Two Cultures

During my nineteen years at Penn I have served as a faculty member in two departments, architecture in the School of Design, and real estate in the Wharton School. I discovered many small differences: the real estate faculty is more social, with a Christmas party and an end of year barbecue; architects are less punctual and more long-winded than economists; the business school has better box lunches at faculty meetings. But what struck me most was the differences in academic cultures.

Medical schools do medical research, business schools advance the theoretical state of the art, but architecture schools don’t produce architecture—except on paper, and that work is done almost entirely by students. The design studios are the heart of the program, and the exhibition of student work is a highlight of the academic year.

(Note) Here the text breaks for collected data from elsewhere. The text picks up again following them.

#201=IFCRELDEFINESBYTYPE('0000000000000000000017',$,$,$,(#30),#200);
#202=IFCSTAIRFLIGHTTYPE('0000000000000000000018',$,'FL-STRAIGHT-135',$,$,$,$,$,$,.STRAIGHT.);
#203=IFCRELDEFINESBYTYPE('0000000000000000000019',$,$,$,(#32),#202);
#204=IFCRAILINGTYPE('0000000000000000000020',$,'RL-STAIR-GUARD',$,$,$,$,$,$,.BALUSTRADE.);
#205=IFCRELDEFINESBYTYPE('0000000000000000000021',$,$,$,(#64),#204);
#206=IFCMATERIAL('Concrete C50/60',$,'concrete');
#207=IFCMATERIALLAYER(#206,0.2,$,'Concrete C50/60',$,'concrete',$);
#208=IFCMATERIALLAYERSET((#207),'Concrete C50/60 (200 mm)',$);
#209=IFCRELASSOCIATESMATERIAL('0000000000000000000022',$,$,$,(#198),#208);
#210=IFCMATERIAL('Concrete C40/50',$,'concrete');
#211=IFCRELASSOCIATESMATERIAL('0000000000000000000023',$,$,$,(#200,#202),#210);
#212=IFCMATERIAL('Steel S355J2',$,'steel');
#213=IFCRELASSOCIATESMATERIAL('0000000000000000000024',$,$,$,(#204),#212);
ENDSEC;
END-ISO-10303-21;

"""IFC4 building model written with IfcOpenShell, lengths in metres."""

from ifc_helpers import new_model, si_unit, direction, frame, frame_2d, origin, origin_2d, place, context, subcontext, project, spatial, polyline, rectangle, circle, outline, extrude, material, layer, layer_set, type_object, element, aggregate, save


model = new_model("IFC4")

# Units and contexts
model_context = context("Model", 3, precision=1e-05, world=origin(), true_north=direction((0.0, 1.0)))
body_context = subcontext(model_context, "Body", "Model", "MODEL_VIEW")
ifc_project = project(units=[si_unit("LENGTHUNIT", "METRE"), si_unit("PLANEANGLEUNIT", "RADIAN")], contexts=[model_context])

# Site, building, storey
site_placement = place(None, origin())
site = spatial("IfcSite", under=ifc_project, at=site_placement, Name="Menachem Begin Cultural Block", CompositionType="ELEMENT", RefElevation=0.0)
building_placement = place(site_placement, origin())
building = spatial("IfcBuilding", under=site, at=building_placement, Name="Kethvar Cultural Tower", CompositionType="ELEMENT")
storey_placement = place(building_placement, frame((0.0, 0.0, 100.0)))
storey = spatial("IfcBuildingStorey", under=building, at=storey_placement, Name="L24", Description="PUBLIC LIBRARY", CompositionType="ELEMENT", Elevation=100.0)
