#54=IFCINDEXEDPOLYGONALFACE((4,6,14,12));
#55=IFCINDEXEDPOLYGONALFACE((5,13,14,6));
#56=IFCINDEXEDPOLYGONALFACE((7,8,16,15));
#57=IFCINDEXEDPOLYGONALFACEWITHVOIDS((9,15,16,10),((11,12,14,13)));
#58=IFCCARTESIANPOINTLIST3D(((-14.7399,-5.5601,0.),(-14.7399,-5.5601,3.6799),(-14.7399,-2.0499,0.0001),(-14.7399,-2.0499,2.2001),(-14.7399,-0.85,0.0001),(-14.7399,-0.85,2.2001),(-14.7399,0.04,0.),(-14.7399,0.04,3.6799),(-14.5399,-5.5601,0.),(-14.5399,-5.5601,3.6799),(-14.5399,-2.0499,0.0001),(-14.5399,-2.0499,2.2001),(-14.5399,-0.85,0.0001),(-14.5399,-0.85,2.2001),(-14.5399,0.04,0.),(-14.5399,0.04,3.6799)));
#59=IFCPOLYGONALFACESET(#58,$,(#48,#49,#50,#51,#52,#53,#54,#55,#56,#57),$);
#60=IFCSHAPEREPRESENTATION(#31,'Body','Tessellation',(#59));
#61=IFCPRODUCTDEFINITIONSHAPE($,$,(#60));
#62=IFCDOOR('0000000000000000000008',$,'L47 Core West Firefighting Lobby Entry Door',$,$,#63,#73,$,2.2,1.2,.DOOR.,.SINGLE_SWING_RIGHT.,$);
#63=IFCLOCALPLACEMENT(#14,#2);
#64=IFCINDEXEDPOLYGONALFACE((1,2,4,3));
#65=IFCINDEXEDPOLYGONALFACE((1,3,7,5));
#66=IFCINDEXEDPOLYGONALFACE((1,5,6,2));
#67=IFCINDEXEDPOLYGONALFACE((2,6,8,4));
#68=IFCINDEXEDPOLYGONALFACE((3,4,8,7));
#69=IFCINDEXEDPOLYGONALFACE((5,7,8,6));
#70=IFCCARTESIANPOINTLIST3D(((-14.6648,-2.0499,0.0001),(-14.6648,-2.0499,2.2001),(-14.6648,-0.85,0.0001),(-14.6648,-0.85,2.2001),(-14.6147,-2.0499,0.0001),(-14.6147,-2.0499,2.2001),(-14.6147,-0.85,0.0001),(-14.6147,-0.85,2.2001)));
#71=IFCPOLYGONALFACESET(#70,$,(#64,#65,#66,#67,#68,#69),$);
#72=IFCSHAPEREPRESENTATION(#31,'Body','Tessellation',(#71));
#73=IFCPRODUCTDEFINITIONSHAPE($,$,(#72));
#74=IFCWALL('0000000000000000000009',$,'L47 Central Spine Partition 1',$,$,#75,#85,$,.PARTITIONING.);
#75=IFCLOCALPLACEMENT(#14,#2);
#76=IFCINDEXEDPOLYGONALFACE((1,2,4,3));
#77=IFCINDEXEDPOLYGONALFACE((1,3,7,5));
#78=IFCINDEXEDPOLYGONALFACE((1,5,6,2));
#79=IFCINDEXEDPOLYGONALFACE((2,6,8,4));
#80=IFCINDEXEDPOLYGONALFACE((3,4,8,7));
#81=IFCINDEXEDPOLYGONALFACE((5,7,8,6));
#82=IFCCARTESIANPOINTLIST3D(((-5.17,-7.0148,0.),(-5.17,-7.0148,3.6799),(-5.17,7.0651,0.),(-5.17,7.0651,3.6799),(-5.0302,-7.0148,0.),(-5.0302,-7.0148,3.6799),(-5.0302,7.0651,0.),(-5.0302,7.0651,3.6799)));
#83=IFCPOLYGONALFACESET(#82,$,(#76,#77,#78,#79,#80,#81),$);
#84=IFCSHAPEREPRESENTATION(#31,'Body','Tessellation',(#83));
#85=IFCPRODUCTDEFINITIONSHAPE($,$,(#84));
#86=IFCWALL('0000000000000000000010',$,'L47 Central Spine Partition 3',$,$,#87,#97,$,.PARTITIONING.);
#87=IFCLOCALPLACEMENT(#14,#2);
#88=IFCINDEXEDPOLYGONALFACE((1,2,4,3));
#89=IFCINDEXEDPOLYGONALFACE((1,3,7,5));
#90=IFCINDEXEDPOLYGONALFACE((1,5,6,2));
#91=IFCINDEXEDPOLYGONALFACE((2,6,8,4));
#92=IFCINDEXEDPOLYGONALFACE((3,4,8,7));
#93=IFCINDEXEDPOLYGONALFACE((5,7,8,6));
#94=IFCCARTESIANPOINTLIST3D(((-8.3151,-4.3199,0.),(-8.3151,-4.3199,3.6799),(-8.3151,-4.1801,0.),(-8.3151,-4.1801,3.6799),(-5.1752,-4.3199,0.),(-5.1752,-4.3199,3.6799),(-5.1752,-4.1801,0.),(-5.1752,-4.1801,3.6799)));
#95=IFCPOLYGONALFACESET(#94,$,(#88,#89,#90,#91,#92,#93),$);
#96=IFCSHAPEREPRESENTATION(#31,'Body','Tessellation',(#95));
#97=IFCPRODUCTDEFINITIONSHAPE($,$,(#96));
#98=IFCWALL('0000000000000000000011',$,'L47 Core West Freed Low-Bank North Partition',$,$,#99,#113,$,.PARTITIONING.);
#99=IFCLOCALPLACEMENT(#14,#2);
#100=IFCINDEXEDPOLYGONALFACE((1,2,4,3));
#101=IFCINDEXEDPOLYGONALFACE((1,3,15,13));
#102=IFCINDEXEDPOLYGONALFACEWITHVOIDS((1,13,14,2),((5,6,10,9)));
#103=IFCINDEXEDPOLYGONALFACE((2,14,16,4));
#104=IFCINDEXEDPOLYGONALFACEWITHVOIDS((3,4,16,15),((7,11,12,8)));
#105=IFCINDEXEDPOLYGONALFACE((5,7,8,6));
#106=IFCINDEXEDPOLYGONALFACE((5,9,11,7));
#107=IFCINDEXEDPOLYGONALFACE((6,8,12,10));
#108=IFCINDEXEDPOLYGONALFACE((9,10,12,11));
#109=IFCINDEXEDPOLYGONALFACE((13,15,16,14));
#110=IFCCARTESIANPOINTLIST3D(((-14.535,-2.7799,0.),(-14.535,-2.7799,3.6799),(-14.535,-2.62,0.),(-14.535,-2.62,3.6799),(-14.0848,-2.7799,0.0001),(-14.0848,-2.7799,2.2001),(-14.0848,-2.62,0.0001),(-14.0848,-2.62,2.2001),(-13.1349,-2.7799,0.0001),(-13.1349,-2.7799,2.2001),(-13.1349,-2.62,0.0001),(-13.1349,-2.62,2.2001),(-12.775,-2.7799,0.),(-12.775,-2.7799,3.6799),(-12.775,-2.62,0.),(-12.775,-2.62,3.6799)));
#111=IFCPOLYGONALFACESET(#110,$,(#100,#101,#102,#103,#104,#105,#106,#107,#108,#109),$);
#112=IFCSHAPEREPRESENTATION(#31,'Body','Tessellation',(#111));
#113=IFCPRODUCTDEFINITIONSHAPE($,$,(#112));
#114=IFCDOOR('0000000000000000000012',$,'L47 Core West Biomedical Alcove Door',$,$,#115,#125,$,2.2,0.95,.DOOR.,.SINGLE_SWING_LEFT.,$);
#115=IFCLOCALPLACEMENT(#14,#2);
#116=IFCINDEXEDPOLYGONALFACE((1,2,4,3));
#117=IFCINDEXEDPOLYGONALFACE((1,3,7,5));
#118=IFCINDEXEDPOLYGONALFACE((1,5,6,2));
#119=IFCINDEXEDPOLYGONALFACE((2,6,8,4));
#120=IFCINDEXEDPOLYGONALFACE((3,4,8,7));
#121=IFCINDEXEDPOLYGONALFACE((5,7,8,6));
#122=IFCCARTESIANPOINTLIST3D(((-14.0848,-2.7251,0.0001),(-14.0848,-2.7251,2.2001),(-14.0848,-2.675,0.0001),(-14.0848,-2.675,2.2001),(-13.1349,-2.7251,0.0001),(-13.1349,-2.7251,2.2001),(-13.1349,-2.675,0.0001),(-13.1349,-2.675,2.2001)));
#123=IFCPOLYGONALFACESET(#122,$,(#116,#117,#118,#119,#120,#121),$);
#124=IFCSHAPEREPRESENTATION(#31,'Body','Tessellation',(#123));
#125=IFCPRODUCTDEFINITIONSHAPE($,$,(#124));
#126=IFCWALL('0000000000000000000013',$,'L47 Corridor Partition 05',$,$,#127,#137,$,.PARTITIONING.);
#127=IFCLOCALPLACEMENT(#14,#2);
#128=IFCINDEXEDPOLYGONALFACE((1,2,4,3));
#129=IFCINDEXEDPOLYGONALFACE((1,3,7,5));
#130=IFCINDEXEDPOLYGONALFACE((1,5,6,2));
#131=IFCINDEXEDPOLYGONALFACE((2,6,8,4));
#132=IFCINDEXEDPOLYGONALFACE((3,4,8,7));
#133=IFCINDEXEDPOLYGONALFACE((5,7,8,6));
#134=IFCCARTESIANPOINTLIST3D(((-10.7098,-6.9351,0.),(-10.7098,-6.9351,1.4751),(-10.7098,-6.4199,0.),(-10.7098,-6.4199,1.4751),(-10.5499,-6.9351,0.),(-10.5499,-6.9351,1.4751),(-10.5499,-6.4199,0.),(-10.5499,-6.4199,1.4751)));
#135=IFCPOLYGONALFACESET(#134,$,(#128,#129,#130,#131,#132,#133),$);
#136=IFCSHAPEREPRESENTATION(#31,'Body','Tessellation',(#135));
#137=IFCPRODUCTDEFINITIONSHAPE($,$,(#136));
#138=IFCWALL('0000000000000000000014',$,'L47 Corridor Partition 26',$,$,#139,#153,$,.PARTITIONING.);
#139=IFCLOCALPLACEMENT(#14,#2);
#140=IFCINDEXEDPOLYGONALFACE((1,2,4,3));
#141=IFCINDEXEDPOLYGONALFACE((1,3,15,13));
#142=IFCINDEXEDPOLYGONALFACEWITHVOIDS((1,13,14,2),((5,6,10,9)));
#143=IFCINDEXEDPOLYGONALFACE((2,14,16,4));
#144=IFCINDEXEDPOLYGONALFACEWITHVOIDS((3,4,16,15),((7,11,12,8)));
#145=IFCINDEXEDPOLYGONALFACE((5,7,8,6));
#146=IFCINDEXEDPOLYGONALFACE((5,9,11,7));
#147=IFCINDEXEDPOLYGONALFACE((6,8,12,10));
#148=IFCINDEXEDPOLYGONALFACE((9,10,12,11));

Like most programs, Penn’s department also produces an annual catalog of student work, but one cannot imagine an annual real estate publication devoted to student course assignments. In the real estate department, although all the faculty teach large lecture courses and teaching is what “pays the rent” for the department, the emphasis is on faculty research. Many faculty do all their teaching in one semester, in order to have the second free for their own work.

It is not that the real estate department doesn’t pay attention to teaching, quite the opposite. Attendance is more firmly enforced, assignments are more demanding, and grading is stricter than in architecture, at least in my experience. US News and World Report, which is basically a student consumer guide to university programs, regularly rates Wharton as one of the best B-schools in the country. How do they teach? Real estate faculty teach the same courses, year-in and year-out, refining and updating but not drastically altering the content. The content of architecture design studios, on the other hand, changes from year to year. Who teaches? The real estate department makes minimum use of adjunct teachers, considering them unreliable amateurs. By contrast, in architecture programs there is a long tradition, dating back to the Ecole des Beaux-Arts, of practitioners teaching on a part-time basis. In the Penn architecture department, for example, scores of adjuncts and lecturers far outnumber the dozen or so standing faculty.

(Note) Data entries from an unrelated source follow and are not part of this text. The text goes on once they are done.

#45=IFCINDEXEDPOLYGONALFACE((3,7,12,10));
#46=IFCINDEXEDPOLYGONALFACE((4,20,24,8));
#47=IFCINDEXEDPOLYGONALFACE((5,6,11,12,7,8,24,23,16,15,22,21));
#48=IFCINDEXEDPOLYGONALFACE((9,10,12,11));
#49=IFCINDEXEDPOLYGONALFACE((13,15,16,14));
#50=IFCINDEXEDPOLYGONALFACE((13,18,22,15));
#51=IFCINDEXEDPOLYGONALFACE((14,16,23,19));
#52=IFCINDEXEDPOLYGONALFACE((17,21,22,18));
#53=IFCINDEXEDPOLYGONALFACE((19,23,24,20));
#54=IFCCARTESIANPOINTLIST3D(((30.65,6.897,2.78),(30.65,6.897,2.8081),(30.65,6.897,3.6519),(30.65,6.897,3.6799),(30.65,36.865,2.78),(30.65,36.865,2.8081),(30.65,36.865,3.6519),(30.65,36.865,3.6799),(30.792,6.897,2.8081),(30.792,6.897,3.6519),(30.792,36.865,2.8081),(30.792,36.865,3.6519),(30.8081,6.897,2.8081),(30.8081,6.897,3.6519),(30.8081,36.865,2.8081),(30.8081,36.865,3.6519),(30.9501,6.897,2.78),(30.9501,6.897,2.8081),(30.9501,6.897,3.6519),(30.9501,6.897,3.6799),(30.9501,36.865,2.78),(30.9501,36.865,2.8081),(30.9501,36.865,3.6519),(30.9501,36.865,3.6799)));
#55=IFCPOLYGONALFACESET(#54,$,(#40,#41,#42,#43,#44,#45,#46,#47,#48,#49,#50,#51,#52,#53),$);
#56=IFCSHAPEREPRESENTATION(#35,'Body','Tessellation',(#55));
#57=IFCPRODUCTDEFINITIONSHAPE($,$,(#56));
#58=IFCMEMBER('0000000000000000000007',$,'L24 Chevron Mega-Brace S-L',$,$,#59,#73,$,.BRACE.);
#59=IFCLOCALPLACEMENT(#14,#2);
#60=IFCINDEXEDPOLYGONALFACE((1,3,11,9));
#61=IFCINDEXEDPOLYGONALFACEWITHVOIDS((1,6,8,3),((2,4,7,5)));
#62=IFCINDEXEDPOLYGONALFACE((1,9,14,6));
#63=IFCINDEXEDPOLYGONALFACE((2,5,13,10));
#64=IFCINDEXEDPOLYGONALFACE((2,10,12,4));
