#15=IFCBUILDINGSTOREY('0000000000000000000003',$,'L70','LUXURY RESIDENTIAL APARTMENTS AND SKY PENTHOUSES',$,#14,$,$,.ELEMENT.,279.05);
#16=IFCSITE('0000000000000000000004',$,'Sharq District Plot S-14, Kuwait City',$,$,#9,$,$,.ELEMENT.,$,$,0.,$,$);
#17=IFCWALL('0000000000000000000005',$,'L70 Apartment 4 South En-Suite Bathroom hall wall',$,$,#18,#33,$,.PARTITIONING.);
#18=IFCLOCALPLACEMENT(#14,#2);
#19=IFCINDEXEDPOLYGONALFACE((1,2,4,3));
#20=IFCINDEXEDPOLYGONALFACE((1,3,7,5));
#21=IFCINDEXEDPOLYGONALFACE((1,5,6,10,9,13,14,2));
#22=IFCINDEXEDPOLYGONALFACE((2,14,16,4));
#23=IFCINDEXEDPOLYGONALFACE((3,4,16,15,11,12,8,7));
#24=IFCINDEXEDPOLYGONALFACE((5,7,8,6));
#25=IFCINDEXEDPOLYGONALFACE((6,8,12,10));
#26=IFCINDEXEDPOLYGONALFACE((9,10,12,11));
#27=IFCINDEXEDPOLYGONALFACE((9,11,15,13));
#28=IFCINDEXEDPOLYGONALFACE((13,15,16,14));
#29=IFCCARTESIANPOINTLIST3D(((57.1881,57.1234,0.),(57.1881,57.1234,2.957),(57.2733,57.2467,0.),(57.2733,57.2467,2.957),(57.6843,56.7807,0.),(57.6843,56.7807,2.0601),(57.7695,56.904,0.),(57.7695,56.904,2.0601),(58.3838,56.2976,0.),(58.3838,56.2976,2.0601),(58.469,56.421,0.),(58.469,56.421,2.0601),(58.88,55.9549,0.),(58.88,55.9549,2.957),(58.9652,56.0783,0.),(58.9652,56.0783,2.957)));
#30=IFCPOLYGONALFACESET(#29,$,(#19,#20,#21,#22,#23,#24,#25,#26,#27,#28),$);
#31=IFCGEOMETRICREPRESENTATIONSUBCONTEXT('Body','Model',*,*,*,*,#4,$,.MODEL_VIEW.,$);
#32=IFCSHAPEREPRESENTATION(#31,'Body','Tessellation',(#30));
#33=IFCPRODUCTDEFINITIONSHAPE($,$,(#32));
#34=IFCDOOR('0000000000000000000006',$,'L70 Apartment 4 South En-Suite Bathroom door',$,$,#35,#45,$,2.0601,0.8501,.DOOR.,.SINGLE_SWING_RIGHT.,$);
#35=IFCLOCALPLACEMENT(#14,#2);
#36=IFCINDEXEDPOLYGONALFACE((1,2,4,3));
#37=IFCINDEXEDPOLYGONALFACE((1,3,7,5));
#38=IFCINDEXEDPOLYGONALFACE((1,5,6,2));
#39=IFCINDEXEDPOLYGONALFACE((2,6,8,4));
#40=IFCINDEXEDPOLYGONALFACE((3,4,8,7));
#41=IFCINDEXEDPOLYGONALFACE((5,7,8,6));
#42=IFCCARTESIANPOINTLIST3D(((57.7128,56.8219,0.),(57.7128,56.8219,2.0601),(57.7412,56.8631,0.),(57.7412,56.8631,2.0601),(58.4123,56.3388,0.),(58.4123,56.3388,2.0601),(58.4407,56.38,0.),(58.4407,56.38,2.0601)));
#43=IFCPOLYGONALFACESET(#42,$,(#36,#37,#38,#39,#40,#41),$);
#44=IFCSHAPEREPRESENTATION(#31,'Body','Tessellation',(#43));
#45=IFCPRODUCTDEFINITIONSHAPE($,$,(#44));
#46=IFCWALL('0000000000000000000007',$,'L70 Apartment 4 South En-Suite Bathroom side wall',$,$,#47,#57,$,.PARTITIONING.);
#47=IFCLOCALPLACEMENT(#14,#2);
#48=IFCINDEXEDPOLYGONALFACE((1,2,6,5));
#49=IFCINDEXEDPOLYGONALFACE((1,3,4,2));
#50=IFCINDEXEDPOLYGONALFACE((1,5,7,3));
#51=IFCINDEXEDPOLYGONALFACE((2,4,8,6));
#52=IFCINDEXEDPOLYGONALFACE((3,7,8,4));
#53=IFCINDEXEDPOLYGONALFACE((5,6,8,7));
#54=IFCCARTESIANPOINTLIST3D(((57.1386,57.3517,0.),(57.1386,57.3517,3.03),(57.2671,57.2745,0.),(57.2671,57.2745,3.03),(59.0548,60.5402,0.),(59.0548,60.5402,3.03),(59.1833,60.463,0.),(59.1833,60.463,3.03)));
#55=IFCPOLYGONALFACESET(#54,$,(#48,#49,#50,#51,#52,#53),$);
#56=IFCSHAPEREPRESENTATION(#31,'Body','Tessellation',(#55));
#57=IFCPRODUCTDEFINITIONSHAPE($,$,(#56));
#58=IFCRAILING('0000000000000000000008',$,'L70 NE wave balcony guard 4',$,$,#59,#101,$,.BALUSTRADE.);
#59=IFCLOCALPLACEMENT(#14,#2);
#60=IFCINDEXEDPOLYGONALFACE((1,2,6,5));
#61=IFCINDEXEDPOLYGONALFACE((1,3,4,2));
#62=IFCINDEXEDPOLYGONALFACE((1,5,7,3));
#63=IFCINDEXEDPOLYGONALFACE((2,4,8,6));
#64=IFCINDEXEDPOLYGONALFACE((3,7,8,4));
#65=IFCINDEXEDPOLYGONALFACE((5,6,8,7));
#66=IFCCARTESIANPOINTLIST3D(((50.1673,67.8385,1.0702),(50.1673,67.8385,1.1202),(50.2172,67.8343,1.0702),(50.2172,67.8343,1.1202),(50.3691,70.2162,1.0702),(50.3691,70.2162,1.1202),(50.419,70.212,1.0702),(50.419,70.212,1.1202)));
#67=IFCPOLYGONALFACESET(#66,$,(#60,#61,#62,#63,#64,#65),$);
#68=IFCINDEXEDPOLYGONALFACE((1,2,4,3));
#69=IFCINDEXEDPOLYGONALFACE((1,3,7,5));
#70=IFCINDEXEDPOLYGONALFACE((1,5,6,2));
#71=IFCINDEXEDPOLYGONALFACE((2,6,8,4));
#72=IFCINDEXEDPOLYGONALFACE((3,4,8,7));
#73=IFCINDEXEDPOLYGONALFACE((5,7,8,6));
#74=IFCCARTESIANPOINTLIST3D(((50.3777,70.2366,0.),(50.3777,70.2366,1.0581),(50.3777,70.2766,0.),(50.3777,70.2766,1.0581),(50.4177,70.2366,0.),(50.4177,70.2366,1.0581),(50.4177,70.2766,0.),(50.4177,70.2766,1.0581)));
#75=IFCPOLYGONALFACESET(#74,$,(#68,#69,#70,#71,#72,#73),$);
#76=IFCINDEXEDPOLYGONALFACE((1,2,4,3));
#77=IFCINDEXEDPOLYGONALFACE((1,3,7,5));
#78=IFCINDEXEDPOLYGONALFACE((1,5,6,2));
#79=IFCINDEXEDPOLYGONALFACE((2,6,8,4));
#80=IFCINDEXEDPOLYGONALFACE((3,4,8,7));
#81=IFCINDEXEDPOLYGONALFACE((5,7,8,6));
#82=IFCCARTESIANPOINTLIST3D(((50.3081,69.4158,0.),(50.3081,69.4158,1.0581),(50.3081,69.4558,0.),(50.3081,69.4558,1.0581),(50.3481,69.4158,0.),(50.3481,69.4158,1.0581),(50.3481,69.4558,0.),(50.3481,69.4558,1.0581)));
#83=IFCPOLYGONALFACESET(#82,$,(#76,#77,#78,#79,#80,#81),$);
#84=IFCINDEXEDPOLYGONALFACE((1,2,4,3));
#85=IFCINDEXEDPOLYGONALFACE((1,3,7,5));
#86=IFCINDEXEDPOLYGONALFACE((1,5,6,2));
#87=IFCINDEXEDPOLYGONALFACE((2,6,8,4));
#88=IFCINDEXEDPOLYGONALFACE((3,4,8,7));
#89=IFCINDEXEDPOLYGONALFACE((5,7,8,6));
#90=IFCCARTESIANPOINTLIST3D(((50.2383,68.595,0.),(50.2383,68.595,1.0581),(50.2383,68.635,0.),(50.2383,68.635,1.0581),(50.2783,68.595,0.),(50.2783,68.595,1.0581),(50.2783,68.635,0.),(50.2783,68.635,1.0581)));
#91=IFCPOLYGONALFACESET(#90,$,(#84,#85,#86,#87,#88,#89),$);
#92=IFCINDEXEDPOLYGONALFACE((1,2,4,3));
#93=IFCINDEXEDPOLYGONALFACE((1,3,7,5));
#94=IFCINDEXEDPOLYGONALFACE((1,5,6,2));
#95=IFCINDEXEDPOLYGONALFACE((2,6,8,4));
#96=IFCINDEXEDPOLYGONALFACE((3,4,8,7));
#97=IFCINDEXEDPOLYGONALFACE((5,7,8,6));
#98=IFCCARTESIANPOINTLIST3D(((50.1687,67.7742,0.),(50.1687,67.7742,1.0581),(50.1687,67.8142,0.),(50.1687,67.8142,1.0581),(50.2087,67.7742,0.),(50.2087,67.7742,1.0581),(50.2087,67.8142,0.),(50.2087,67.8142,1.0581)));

Architecture curricula are in a constant state of flux, influenced by changing fashions, and torn between the profession’s demands for new skills, and emerging scholarly theories. It would be easy to say that the real estate curriculum is more focused. But the narrow aim of B-schools is to expose students to course content—theories and methods. The goal of a design school is to teach creativity, which is an elusive goal. Especially as talent, rather than merely hard-work, is the key variable—and talent is always in short supply.

3 thoughts on “Two Cultures”

  1. I found this interesting because, at the University of Texas at Austin, we have had ongoing discussions between our McCombs School of Business and our School of Architecture. Among other things, this has resulted in a new undergraduate concentration in real estate for our architecture students.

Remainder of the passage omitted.